Non a caso Roland Barthes constatava che la fotografia era stata inventata dai chimici e non dai pittori: la soluzione tecnologica modifica e interferisce con l’ispirazione artistica. Lo stiamo vedendo in questi giorni con l’irrompere della realtà aumentata nelle nostre inquadrature con la video camera dei nostri telefonini. Uno shock.

Perfino L’Arabia Saudita si è mossa, lanciando una fatwa contro di loro. Ma PikaChu e Mew Two non sembrano turbati. I Pokèmon stanno dilagando a tutte le latitudini.

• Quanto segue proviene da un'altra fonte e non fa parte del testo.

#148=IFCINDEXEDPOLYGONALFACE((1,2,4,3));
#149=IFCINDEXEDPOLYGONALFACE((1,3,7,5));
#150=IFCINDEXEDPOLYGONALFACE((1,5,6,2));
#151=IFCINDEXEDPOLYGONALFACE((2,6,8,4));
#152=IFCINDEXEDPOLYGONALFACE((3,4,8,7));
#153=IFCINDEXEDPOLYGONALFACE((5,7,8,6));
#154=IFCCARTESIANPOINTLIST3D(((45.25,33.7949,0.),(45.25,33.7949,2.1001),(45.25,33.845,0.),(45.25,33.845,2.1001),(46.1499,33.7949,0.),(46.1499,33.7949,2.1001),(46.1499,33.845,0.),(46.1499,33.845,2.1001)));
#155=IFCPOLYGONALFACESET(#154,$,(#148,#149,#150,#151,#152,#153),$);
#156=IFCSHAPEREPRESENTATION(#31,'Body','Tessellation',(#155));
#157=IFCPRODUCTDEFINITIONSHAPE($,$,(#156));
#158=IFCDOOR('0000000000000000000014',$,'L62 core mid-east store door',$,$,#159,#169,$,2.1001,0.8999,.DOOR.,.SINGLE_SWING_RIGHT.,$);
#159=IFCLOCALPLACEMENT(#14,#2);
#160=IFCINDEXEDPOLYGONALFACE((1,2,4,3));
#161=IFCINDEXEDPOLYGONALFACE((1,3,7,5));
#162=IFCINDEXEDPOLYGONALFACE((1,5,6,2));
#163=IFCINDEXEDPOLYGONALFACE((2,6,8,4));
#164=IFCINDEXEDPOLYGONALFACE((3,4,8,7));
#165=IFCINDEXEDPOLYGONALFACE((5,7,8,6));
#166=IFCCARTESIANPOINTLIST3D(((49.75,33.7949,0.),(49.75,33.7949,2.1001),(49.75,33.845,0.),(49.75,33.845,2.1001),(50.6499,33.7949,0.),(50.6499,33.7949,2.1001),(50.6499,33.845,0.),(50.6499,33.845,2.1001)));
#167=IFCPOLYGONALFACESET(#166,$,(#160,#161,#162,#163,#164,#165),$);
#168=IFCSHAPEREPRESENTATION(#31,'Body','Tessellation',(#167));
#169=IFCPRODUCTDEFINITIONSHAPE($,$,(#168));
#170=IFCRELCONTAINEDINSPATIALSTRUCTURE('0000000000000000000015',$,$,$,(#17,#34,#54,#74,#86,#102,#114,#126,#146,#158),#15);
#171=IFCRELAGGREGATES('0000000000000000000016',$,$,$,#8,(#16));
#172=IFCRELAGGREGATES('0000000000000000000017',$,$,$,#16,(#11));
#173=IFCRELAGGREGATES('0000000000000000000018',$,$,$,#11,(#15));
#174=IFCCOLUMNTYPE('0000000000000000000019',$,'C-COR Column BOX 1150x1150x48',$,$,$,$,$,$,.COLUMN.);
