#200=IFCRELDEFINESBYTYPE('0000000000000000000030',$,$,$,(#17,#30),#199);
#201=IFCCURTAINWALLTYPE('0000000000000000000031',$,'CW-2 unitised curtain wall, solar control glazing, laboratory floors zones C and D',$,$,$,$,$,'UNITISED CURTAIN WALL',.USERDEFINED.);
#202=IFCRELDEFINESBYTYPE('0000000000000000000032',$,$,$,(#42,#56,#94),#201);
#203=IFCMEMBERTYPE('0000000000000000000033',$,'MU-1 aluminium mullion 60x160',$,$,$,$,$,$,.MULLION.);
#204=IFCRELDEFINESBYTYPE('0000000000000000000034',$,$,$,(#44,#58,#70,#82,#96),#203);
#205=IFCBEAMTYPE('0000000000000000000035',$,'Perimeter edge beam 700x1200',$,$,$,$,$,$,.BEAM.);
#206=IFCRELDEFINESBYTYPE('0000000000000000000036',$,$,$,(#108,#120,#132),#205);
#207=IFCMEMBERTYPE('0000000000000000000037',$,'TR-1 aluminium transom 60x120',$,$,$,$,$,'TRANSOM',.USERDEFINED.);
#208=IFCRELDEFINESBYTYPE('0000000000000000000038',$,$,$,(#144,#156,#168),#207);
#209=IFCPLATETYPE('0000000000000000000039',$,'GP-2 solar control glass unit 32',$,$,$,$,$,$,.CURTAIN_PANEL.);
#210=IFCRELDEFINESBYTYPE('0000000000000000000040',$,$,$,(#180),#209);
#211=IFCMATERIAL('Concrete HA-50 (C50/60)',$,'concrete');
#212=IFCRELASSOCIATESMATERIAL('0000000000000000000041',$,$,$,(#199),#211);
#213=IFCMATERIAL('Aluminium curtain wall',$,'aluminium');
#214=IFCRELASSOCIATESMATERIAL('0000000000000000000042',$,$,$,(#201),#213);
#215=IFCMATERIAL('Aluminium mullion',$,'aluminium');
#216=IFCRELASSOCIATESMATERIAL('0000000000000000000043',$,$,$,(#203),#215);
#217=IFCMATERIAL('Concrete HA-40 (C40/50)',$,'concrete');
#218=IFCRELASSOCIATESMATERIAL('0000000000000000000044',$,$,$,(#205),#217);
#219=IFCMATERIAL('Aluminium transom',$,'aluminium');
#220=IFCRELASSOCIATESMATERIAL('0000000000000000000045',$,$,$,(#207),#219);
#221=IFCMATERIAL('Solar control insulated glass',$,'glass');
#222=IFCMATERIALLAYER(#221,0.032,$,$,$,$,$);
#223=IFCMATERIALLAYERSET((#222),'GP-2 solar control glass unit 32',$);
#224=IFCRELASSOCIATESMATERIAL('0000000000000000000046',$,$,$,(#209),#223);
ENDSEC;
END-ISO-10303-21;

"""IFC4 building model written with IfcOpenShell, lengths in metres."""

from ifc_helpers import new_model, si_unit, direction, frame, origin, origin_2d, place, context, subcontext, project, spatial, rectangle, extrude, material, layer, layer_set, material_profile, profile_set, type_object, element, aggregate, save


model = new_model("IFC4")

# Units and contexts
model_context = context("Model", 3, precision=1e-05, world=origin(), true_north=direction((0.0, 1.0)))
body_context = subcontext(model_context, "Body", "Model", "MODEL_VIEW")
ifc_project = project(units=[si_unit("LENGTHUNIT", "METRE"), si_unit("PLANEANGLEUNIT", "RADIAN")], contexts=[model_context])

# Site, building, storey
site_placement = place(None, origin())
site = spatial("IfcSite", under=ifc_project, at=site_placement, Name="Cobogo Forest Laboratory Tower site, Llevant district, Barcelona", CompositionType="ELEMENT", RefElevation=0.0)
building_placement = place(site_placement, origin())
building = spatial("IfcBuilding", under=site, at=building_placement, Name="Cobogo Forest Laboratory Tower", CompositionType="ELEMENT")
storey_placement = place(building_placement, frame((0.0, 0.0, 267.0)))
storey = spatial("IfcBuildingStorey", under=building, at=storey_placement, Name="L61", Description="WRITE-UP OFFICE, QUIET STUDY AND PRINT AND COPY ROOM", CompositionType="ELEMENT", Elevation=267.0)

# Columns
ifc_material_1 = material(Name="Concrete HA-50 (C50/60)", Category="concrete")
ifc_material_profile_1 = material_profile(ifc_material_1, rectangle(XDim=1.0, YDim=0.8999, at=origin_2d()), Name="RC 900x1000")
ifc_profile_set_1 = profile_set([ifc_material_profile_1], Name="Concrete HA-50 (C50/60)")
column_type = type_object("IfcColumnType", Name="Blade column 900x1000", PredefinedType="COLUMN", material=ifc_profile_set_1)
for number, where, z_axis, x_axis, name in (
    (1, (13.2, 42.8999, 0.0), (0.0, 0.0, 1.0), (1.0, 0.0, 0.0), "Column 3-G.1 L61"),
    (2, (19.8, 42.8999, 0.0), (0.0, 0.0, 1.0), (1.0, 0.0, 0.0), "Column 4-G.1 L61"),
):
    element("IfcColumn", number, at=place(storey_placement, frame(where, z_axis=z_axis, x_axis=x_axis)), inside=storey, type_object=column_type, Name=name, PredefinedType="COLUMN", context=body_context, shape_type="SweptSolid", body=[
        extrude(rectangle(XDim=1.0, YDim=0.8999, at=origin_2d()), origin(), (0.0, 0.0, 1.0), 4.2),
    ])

Solo a Roma, l’evento organizzato con loro da Repubblica ha prodotto più di un milione di visualizzazioni, due milioni e 250 mila persone raggiunte. L’altro giorno la città eterna si è scossa, uscendo dalla tradizionale apatia, e si è esaltata: da Piazza del Popolo a Villa Pamphili migliaia e migliaia di persone di ogni età, telefonino alla mano, erano alla caccia degli enigmatici pupazzetti che fanno capolino negli scorci capitolini.

L’ondata viene da lontano, e sembra andare molto lontano, collegando Seoul a New York.

L’ennesimo fenomeno di febbrile frenesia collettiva? Forse. Certo che qualcosa di ben più rilevante sembra covare fra i file a 3D che inondano la rete.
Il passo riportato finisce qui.